Biography
Chie Mori is a Japanese contemporary printmaker working in Hamburg, Germany — one of the small but consistent cohort of Japanese-born printmakers who have established their mature studio practices outside Japan. Born in Ishikawa Prefecture (north-central Japan), she trained at Bremen University of the Arts (Hochschule für Künste Bremen) in Germany rather than at a Japanese art university, a training pathway that places her squarely within the contemporary German printmaking tradition rather than the Tokyo or Kyoto art-school lineages that dominate the CWAJ catalogue. Her birth year is not publicly disclosed in the CWAJ documentation.
Her 2024 carborundum print 'The Survival 4.0' (50 × 50 cm), exhibited at the 68th CWAJ Print Show 2025, exemplifies the visual register of her practice: a square-format large-scale carborundum composition. The carborundum print technique (using silicon carbide grit applied to a plate as the printing matrix) produces strong tactile surface and rich tonal modeling distinct from copperplate intaglio or relief print; the technique has been associated with European-tradition contemporary printmaking since the 1950s and is not common among Japanese-trained printmakers. The 'Survival 4.0' title and the version-number suffix (4.0) suggest an ongoing series engaged with themes of survival, resilience, or biological-and-technological persistence — the version-numbering format borrowed from software-versioning is a contemporary signal.
Mori's training at Bremen University of the Arts places her in the German contemporary printmaking tradition that has been strong in Hamburg, Berlin, and other major German art cities. The German tradition has been historically receptive to carborundum print, mezzotint, and other surface-emphasizing intaglio techniques, and to abstract-and-conceptual subject matter. Her 50 × 50 cm format and the carborundum technique together signal a German-tradition contemporary print aesthetic rather than the Japanese-tradition mokuhanga or copperplate-engraving registers that dominate the CWAJ catalogue.
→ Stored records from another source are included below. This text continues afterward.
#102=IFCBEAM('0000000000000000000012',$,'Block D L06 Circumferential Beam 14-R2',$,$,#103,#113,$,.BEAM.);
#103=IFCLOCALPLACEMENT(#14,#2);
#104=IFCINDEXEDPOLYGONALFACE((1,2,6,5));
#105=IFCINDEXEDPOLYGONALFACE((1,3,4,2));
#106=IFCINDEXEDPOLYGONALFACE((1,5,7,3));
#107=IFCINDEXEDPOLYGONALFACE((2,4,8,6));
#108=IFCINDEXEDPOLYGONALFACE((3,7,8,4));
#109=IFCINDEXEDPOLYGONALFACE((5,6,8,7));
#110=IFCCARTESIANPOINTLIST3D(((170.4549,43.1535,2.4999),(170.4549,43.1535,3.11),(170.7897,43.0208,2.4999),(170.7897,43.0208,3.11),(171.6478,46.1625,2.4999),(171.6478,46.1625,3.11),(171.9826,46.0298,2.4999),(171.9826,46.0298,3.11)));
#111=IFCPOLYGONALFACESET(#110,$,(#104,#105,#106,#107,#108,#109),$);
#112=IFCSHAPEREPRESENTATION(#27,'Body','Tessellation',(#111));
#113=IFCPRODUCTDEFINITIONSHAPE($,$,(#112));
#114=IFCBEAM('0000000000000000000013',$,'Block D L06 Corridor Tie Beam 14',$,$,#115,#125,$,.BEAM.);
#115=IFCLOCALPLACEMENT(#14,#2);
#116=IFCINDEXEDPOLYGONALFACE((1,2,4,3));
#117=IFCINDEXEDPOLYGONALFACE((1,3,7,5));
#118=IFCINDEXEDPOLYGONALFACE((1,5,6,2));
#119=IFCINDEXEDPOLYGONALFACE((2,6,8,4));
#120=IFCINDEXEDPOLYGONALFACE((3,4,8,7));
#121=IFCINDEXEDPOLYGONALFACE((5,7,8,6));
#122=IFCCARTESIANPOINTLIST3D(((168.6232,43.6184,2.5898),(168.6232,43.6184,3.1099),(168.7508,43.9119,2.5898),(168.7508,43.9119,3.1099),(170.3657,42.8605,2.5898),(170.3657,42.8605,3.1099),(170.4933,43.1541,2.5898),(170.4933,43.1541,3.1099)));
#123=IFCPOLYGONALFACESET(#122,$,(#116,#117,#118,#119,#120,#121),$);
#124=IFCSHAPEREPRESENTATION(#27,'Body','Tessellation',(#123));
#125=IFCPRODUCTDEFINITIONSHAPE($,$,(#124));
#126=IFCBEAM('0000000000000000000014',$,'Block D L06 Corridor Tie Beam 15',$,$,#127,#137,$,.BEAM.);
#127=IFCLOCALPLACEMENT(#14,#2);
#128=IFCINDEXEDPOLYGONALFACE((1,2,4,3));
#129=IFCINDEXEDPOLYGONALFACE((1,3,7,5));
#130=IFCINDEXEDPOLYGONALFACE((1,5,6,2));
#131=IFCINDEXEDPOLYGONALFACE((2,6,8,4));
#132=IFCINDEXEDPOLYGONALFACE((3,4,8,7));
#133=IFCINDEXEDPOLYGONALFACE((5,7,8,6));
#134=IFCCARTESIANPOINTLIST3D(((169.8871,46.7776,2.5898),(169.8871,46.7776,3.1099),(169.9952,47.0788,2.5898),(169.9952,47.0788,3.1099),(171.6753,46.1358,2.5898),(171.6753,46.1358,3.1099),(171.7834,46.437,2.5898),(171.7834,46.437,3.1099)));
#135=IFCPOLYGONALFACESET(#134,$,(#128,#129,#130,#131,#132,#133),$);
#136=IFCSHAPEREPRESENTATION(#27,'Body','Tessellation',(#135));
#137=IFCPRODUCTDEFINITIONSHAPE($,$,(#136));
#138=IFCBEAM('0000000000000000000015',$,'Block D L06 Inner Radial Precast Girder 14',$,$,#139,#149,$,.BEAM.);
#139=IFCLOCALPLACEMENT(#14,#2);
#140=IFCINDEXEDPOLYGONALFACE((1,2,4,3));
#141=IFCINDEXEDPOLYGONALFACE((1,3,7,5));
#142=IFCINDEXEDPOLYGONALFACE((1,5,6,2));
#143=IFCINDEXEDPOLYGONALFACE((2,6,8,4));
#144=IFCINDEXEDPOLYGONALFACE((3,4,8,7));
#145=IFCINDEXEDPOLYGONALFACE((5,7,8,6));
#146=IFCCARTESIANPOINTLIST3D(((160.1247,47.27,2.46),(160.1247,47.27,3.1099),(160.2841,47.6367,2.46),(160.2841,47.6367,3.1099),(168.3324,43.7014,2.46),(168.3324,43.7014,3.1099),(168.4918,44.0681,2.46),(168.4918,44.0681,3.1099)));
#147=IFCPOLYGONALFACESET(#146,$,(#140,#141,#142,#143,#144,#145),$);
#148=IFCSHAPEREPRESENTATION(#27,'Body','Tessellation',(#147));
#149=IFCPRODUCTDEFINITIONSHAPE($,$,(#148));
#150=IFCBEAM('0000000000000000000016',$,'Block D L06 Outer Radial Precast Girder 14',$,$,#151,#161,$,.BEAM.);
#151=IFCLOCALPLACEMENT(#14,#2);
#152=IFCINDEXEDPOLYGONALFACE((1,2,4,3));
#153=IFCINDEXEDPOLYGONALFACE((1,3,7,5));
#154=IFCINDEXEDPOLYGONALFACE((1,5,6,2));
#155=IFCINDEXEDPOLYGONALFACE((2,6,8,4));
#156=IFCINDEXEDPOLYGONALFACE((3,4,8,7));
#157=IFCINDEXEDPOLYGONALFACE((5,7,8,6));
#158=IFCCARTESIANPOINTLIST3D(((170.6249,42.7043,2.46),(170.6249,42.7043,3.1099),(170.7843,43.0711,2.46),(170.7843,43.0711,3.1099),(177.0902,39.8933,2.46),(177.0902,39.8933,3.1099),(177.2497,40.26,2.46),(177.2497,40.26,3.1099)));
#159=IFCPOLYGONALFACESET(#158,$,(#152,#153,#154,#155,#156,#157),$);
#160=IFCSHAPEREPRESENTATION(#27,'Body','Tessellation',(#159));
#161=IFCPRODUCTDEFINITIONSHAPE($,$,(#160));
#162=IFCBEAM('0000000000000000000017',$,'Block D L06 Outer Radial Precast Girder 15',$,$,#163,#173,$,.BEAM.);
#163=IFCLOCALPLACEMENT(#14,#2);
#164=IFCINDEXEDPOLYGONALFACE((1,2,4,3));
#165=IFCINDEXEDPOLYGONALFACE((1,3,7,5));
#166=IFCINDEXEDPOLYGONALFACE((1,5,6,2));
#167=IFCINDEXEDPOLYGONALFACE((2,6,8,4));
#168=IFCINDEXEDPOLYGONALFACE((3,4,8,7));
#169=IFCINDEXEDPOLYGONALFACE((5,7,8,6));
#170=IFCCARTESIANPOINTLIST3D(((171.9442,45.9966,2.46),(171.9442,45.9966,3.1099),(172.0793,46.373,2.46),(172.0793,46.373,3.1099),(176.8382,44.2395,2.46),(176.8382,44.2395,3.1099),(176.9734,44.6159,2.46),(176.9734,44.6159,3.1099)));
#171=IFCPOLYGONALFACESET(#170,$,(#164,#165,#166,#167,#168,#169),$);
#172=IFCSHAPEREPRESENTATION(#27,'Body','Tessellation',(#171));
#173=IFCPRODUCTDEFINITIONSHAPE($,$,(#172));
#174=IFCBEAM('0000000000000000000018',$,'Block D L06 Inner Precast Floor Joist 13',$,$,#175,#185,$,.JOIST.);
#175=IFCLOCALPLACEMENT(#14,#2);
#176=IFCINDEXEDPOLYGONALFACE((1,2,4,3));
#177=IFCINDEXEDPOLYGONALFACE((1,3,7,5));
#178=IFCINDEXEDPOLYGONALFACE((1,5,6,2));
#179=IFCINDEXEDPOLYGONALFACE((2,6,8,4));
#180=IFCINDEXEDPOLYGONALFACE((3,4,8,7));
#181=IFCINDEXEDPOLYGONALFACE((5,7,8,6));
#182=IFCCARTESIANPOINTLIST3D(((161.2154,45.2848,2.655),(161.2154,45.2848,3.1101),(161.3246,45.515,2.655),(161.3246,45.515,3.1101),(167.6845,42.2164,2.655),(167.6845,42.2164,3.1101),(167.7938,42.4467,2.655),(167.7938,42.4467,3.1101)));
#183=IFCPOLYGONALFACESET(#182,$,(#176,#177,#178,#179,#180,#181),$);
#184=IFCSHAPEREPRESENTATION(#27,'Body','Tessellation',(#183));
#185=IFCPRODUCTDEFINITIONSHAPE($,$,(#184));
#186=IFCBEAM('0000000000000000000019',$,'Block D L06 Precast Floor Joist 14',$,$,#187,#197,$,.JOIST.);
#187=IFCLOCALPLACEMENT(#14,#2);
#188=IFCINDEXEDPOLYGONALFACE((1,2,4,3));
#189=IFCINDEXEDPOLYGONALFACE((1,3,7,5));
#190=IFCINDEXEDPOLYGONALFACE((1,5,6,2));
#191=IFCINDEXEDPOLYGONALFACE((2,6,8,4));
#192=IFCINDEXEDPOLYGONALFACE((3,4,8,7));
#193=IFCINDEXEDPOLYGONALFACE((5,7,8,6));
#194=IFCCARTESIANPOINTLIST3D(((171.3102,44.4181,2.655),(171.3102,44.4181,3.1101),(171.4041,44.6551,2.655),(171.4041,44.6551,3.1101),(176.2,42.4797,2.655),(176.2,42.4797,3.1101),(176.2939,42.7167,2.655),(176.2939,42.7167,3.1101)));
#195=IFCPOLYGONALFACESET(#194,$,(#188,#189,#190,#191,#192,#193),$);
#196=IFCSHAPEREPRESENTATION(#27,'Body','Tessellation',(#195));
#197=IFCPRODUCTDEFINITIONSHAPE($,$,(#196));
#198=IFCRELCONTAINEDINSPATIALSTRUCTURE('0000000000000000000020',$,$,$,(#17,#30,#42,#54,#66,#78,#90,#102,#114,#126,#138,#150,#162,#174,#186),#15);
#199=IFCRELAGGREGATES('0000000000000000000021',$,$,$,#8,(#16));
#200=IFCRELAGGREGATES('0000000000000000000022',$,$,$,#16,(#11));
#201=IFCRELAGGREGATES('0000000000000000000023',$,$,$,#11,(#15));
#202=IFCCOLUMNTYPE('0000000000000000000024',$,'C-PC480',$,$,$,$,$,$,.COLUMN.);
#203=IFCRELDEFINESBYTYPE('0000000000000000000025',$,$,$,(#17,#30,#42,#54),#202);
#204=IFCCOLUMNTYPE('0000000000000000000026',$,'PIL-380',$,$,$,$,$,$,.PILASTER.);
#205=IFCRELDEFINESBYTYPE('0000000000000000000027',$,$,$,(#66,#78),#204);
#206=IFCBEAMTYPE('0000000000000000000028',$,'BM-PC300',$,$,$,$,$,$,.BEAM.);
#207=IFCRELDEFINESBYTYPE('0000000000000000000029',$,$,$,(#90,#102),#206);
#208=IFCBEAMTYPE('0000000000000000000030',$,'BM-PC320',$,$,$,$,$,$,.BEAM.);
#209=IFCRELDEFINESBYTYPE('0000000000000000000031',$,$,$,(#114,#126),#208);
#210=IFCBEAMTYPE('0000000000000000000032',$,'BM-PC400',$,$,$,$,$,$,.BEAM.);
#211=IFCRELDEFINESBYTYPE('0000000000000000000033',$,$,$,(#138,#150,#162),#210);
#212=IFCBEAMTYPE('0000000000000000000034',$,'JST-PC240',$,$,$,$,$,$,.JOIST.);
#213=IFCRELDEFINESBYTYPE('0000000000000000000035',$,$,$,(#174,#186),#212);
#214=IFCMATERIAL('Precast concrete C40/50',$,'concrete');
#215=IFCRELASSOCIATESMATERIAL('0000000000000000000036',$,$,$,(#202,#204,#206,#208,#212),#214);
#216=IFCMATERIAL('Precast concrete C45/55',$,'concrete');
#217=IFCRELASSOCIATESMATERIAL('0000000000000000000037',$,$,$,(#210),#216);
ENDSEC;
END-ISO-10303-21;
Her participation in CWAJ — as a Japanese-born artist working in Germany — places her among the international Japanese printmaking diaspora alongside artists like Eva Pietzcker, Kasai Masahiro (Paris-trained, returned to Tokyo), and others whose practices bridge European and Japanese print traditions. The Hamburg base is unusual within this diaspora; the more typical European base for Japanese-born printmakers is Paris (with the Atelier Contrepoint connection) or London (with the Hanga Ten gallery network).
The square 50 × 50 cm format of 'The Survival 4.0' is well-suited to the carborundum technique — square sheets allow the rich tonal grit to fill the visual field without needing the directional emphasis that horizontal or vertical compositions imply. The contemporary-conceptual title 'Survival 4.0' signals an engagement with current concerns about ecological-and-technological resilience that distinguishes her work from the lyrical-landscape register of senior CWAJ printmakers.
Key Facts
- Nationality
- 🇯🇵Japan
- Movement
- Contemporary Mokuhanga
- Subjects
- Abstract
- Works Indexed
- 1
Frequently Asked Questions
Chie Mori is a Japanese contemporary printmaker working in Hamburg, Germany — one of the small but consistent cohort of Japanese-born printmakers who have established their mature studio practices outside Japan. Born in Ishikawa Prefecture (north-central Japan), she trained at Bremen University of the Arts (Hochschule für Künste Bremen) in Germany rather than at a Japanese art university, a training pathway that places her squarely within the contemporary German printmaking tradition rather than the Tokyo or Kyoto art-school lineages that dominate the CWAJ catalogue. Her birth year is not publicly disclosed in the CWAJ documentation.
Chie Mori's work was shaped by the Contemporary Mokuhanga tradition in Japanese woodblock printmaking. Contemporary Mokuhanga: Contemporary mokuhanga (literally "wood-block print") encompasses artists working from approximately 1970 to the present who continue or reinvent traditional Japanese woodblock printing techniques.
Chie Mori's prints frequently feature abstract.